A read-only handler for sequence/subsequence index file.

class Entry(fd, record_offset, data_offset, record_length)¶

data_offset¶: Alias for field number 2

fd¶: Alias for field number 0

record_length¶: Alias for field number 3

record_offset¶: Alias for field number 1

class FileInfo(name, format)¶

format¶: Alias for field number 1

name¶: Alias for field number 0

__enter__()¶: None

__exit__(exc_value, exc_type, traceback)¶: None

__init__()¶

Create a new SSI file reader for the file at the given location.

Parameters:: file (str, bytes or os.PathLike) – The path to a sequence/subsequence index file to read.

close()¶: Close the SSI file reader.

file_info(fd)¶: Retrieve the FileInfo of the descriptor.

find_name(key)¶: Retrieve the Entry for the given name.

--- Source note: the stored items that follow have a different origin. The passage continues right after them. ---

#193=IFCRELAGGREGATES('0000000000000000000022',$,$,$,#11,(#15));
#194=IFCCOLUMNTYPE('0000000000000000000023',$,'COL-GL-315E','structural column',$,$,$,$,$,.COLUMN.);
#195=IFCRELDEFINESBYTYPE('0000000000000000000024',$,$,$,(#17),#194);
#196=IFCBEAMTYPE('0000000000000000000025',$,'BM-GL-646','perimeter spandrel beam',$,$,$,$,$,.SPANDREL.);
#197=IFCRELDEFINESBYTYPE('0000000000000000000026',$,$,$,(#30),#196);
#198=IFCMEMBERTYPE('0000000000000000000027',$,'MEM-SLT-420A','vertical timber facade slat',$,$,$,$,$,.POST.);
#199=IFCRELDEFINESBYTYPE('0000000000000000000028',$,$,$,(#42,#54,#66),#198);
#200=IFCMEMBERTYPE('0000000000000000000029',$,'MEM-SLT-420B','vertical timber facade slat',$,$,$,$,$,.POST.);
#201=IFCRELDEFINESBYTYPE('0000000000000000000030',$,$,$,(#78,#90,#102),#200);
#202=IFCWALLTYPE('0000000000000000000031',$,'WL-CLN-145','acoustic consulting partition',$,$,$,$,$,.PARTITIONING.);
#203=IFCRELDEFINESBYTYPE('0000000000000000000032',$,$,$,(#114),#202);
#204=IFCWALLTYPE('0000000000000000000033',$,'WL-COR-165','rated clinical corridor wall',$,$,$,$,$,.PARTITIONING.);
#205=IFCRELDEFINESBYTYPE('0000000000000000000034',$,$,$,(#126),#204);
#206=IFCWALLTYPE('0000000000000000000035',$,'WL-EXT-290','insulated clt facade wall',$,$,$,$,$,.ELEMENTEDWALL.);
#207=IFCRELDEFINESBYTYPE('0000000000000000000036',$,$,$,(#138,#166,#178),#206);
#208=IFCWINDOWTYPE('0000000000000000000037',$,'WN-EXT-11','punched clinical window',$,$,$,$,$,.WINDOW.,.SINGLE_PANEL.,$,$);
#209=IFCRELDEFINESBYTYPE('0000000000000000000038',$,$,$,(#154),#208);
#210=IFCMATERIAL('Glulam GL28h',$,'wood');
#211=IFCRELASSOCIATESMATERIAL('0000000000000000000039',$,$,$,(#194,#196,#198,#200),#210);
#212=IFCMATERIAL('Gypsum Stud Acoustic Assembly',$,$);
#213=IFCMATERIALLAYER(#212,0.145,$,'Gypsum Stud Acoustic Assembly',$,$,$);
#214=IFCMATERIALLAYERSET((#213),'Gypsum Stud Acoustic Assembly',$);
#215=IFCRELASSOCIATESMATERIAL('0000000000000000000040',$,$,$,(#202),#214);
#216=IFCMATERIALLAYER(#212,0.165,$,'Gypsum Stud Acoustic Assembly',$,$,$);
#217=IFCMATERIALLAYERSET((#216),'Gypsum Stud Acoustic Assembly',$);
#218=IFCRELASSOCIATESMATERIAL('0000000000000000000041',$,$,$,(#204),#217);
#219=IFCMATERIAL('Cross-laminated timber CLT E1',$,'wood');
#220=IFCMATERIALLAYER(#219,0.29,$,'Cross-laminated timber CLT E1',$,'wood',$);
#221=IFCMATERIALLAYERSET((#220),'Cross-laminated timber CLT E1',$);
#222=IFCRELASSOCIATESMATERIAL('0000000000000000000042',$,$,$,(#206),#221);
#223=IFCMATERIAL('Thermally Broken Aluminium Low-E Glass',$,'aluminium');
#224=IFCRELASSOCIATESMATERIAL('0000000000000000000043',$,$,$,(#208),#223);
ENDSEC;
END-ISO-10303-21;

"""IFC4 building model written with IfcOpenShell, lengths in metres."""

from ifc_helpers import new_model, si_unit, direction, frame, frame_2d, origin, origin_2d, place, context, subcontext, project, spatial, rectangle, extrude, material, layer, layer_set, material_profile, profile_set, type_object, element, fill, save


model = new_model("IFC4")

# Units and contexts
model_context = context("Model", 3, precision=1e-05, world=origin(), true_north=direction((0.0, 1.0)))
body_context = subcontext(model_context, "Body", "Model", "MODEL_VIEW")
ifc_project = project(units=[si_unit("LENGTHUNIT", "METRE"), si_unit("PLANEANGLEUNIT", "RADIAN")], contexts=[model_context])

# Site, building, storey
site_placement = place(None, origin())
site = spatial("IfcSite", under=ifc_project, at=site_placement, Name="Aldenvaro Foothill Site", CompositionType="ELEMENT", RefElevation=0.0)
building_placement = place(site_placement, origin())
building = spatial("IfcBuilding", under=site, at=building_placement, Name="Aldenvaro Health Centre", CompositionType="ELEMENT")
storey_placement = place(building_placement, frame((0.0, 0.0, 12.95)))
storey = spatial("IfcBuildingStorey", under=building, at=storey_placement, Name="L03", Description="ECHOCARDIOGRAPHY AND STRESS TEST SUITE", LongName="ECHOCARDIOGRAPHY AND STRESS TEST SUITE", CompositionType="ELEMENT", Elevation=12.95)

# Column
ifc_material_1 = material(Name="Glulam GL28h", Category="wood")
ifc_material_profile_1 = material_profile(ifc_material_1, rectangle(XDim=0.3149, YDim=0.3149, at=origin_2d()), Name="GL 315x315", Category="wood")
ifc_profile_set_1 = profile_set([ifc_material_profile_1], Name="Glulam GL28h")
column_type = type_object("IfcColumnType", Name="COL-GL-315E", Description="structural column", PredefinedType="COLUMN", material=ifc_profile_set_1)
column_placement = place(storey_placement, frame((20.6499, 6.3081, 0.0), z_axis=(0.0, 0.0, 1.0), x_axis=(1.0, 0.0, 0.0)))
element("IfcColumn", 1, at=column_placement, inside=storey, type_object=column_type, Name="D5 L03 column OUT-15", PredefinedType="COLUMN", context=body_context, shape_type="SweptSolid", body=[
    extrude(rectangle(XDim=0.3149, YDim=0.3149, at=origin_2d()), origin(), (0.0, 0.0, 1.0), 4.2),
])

class pyhmmer.easel.SSIWriter¶

A writer for sequence/subsequence index files.

__enter__()¶: None

__exit__(exc_type, exc_value, traceback)¶: None

__init__()¶

Create a new SSI file write for the file at the given location.

Parameters:

file (str, bytes or os.PathLike) – The path to a sequence/subsequence index file to write.
exclusive (bool) – Whether or not to create a file if one does not exist.

Raises:

FileNotFoundError – When the path to the file cannot be resolved.
FileExistsError – When the file exists and exclusive is True.

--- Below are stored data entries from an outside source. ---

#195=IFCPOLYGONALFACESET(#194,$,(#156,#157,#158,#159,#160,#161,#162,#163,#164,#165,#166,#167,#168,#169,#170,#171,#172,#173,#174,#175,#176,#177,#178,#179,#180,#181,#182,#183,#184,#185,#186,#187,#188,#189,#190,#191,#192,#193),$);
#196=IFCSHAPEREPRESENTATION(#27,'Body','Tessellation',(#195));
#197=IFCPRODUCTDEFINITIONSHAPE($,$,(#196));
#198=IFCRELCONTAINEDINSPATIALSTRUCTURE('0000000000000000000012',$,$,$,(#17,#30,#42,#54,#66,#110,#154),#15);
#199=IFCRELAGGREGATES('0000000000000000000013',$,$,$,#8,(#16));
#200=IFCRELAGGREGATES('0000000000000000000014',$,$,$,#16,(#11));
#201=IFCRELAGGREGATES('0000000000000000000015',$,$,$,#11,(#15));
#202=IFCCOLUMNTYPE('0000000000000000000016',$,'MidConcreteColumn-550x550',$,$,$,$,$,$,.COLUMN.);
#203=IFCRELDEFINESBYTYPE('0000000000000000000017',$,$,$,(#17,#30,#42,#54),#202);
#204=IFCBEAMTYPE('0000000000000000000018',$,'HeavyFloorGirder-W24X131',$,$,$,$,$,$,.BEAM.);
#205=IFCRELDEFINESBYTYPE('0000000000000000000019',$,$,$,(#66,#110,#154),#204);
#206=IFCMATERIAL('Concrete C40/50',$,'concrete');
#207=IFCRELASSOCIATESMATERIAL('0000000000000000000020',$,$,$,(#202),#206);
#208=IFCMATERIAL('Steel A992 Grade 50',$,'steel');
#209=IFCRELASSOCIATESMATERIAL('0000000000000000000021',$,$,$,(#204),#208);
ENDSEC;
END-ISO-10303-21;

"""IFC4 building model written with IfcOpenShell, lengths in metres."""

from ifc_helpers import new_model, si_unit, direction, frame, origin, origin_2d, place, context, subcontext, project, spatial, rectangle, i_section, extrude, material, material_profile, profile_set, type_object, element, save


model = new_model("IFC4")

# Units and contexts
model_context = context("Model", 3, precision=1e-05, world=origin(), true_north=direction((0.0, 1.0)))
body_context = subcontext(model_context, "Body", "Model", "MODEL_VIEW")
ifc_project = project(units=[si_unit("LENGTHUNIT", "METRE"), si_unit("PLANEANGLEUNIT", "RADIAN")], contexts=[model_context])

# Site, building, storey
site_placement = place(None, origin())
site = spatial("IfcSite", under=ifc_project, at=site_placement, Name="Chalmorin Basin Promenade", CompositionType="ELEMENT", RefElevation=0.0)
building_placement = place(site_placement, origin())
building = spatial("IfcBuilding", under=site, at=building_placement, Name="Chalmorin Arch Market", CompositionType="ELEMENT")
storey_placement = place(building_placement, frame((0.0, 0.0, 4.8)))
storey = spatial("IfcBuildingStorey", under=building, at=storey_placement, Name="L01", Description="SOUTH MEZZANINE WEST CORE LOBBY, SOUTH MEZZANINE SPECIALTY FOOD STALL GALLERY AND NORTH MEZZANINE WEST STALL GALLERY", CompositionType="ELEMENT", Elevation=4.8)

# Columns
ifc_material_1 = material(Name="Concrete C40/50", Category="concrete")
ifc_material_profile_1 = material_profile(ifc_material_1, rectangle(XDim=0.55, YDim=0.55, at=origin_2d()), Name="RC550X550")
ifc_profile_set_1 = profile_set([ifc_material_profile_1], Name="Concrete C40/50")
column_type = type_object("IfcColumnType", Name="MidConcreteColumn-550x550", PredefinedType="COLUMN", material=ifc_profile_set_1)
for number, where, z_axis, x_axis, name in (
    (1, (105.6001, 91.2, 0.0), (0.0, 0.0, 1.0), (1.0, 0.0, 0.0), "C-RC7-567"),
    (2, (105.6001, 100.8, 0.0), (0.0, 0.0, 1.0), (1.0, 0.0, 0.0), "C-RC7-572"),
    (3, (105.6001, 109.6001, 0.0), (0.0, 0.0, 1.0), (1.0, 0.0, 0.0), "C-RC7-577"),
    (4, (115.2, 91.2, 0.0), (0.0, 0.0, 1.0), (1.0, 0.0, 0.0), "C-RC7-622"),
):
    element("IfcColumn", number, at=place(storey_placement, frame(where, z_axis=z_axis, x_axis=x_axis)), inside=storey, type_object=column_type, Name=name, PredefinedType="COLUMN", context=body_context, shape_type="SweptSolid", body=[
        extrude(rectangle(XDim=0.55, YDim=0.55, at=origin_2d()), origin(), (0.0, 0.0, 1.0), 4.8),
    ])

add_alias(alias, key)¶: Make alias an alias of key in the index.

add_file(filename, format=0)¶

Add a new file to the index.

Parameters:

filename (str, bytes or os.PathLike) – The name of the file to register.
format (int) – A format code to associate with the file, or 0 by default.

Returns:

int – The filehandle associated with the new indexed file.

add_key(key, fd, record_offset, data_offset=0, record_length=0)¶: Add a new entry to the index with the given key.

close()¶: Close the SSI file writer.